There are five manufacturers of Soda Ash in India, having installed capacity to the extent of 3.16mn tonnes. Of these, four are located in the state of Gujarat and one in Tamil Nadu. The main reason for the concentration of Soda Ash facilities in Gujarat is the availability of key raw materials, salt, and limestone.
India is the 4th largest producer of Pesticides after the USA, Japan, and China. India is the 3rd largest producer of Pesticides in Asia. The Indian Pesticides Industry has been growing at 8-9% per annum over the past five years.

Specialty Chemicals are the relatively high value, low volume chemicals are known for their end-use applications and/or performance-enhancing properties. In contrast to base or commodity chemicals, Specialty Chemicals are recognized for ‘what they do’ and not ‘what they are’. Specialty Chemical Industry growth typically follows the growth of major key end markets.

Pharmaceuticals and Bulk Drugs: Large scale chemical production of APIs (Active Pharmaceutical Ingredients) was started by the national sector in the mid-1970s which accelerated in the next decade.

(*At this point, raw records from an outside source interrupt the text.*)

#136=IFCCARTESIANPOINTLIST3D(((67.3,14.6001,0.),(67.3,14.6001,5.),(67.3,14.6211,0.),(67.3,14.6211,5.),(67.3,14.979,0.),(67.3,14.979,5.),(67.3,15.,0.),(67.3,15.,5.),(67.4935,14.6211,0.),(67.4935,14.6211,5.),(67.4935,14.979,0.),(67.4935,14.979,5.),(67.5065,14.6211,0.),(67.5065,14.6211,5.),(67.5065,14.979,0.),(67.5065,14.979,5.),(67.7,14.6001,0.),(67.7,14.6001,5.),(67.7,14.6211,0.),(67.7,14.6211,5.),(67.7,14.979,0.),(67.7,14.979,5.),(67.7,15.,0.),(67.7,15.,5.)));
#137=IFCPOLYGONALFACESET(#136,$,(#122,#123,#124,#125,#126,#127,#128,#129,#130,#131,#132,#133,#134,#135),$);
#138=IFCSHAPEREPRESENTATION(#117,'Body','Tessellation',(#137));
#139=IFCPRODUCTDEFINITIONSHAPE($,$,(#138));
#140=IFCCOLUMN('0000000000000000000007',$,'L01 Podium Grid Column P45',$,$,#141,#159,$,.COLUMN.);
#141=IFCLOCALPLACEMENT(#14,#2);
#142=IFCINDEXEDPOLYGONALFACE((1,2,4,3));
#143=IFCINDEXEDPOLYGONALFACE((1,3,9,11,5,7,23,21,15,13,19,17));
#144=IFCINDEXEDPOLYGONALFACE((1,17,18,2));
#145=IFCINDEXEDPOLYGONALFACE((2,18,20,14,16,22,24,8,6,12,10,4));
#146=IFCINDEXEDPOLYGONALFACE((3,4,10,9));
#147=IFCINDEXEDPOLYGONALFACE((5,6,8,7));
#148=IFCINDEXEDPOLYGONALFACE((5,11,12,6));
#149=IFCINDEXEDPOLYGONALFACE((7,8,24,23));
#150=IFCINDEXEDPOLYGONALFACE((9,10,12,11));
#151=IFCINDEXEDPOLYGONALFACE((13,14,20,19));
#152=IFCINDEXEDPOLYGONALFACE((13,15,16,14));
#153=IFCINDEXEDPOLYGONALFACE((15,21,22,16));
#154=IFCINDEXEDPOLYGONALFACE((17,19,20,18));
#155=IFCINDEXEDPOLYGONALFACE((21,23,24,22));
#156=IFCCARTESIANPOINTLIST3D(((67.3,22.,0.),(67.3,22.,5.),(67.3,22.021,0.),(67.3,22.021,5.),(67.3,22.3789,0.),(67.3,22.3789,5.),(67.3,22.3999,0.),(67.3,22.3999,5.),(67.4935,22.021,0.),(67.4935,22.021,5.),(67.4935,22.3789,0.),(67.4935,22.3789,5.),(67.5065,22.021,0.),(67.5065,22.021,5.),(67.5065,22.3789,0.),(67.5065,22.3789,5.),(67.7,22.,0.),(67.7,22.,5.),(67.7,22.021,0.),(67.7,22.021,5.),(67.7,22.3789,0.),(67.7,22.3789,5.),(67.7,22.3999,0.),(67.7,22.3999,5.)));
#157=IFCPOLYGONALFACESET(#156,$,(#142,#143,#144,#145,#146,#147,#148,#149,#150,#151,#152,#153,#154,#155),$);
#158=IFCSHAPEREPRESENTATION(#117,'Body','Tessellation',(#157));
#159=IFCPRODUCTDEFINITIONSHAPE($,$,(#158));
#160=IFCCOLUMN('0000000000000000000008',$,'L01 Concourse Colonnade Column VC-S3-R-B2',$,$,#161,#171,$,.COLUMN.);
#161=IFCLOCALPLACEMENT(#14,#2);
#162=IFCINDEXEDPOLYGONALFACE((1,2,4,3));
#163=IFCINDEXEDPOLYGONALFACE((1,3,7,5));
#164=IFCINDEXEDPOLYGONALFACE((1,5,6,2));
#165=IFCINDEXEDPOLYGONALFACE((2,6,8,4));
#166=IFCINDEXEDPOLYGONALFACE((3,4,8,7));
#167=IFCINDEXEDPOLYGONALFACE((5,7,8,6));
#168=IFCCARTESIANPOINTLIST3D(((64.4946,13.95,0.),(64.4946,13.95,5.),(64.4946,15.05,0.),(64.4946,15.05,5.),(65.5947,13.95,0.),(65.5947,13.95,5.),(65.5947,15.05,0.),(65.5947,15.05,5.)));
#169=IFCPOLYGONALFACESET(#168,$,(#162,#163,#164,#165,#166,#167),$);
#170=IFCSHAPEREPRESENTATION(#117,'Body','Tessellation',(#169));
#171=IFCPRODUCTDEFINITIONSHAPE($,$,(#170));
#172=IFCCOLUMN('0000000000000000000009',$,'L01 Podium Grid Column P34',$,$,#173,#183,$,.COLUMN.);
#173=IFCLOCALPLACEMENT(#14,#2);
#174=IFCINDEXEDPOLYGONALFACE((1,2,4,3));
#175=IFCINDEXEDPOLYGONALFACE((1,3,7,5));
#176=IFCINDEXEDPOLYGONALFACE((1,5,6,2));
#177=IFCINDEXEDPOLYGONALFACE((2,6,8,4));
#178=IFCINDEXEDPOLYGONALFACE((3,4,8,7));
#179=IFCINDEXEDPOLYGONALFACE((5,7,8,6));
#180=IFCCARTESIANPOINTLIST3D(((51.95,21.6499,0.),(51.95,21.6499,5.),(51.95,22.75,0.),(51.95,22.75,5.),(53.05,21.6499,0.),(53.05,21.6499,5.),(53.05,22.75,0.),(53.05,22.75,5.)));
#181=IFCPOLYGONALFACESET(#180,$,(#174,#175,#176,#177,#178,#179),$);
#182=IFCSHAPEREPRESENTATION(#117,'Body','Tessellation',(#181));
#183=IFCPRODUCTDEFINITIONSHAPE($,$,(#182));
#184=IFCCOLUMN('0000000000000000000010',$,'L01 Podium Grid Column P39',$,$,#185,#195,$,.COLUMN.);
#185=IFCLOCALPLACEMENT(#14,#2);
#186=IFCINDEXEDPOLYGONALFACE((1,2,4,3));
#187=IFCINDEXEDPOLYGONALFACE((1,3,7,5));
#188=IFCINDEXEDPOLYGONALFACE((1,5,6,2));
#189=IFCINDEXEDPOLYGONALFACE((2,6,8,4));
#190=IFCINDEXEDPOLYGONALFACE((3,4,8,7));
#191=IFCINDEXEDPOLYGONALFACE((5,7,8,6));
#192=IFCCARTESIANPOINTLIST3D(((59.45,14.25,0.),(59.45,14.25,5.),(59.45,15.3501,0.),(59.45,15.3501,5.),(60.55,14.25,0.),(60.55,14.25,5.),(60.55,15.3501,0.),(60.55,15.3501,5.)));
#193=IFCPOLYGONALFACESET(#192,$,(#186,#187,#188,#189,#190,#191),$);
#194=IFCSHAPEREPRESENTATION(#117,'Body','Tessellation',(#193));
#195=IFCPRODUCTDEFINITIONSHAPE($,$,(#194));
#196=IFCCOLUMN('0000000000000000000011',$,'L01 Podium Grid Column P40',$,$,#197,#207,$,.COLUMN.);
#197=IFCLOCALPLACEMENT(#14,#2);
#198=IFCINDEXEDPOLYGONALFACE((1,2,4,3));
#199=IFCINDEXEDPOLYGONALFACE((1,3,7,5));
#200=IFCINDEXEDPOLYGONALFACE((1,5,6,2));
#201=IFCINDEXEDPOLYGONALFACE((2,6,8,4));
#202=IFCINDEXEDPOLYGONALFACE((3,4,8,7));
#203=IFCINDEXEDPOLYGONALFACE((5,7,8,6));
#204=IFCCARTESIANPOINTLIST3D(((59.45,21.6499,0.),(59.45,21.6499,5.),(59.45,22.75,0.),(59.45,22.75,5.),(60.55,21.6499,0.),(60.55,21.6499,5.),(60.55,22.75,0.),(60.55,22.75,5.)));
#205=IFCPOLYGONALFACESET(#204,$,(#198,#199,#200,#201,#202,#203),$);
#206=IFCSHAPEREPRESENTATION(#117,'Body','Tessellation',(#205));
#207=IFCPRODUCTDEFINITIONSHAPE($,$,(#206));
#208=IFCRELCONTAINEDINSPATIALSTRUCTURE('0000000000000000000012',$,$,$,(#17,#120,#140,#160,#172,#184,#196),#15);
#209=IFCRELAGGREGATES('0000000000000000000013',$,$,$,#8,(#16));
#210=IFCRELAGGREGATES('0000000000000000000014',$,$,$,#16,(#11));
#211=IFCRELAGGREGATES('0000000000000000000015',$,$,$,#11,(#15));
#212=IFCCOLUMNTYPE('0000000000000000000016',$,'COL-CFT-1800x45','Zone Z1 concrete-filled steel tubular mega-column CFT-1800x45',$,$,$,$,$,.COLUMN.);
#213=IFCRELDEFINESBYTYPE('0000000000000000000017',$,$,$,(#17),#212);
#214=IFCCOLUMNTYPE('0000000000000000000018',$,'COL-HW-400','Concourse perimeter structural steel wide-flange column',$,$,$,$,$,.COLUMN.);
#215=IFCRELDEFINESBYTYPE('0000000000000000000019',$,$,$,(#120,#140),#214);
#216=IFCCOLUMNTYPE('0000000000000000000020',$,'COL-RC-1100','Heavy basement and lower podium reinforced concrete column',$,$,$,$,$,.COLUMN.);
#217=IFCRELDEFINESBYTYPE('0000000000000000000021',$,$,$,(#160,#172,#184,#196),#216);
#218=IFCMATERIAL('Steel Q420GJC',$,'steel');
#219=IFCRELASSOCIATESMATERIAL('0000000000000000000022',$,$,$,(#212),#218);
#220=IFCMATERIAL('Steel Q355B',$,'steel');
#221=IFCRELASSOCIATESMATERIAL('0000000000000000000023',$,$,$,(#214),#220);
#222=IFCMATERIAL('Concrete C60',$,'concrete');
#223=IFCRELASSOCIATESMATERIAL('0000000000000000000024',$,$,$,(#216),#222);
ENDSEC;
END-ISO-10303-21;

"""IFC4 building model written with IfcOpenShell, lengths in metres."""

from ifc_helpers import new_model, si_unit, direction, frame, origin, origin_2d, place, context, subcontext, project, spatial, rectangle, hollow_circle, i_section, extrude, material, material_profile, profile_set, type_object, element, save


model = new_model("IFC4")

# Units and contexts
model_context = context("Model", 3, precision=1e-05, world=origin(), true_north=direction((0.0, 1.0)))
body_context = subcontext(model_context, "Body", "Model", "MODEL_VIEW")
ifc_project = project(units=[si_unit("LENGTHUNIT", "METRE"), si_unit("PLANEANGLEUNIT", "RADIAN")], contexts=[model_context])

Today, India is in a position to meet three-fourths of its requirement of Bulk Drugs and almost entire requirement of formulations. From a turnover of INR 100mn in 1947, drug production today is worth approximately INR 280,000mn (USD 6.5bn).

Numerous initiatives have been proposed in the 12th five-year plan (2012-2017) to boost the growth of Indian Chemical Industry including:

  • Set-up of a technology up-gradation fund of USD 80mn which will make the industry greener and more intolerant towards environmental pollution.
  • Proposal to establish an autonomous USD 100mn Chemical Innovation Fund to encourage commercialization efforts for innovations.
  • Providing incentives for the use of bio-based raw materials which will alleviate the chances of a chemical disaster.
  • Regulatory support against cheap imports to allow the domestic market to flourish without too much pressure.

While the Government has surely been supporting Chemical Industry in many ways, it is still a challenge for the Government to boost the growth for Chemical Industry due to the increase in environmental concerns. Nonetheless, the future of the Indian Chemical Industry seems encouraging.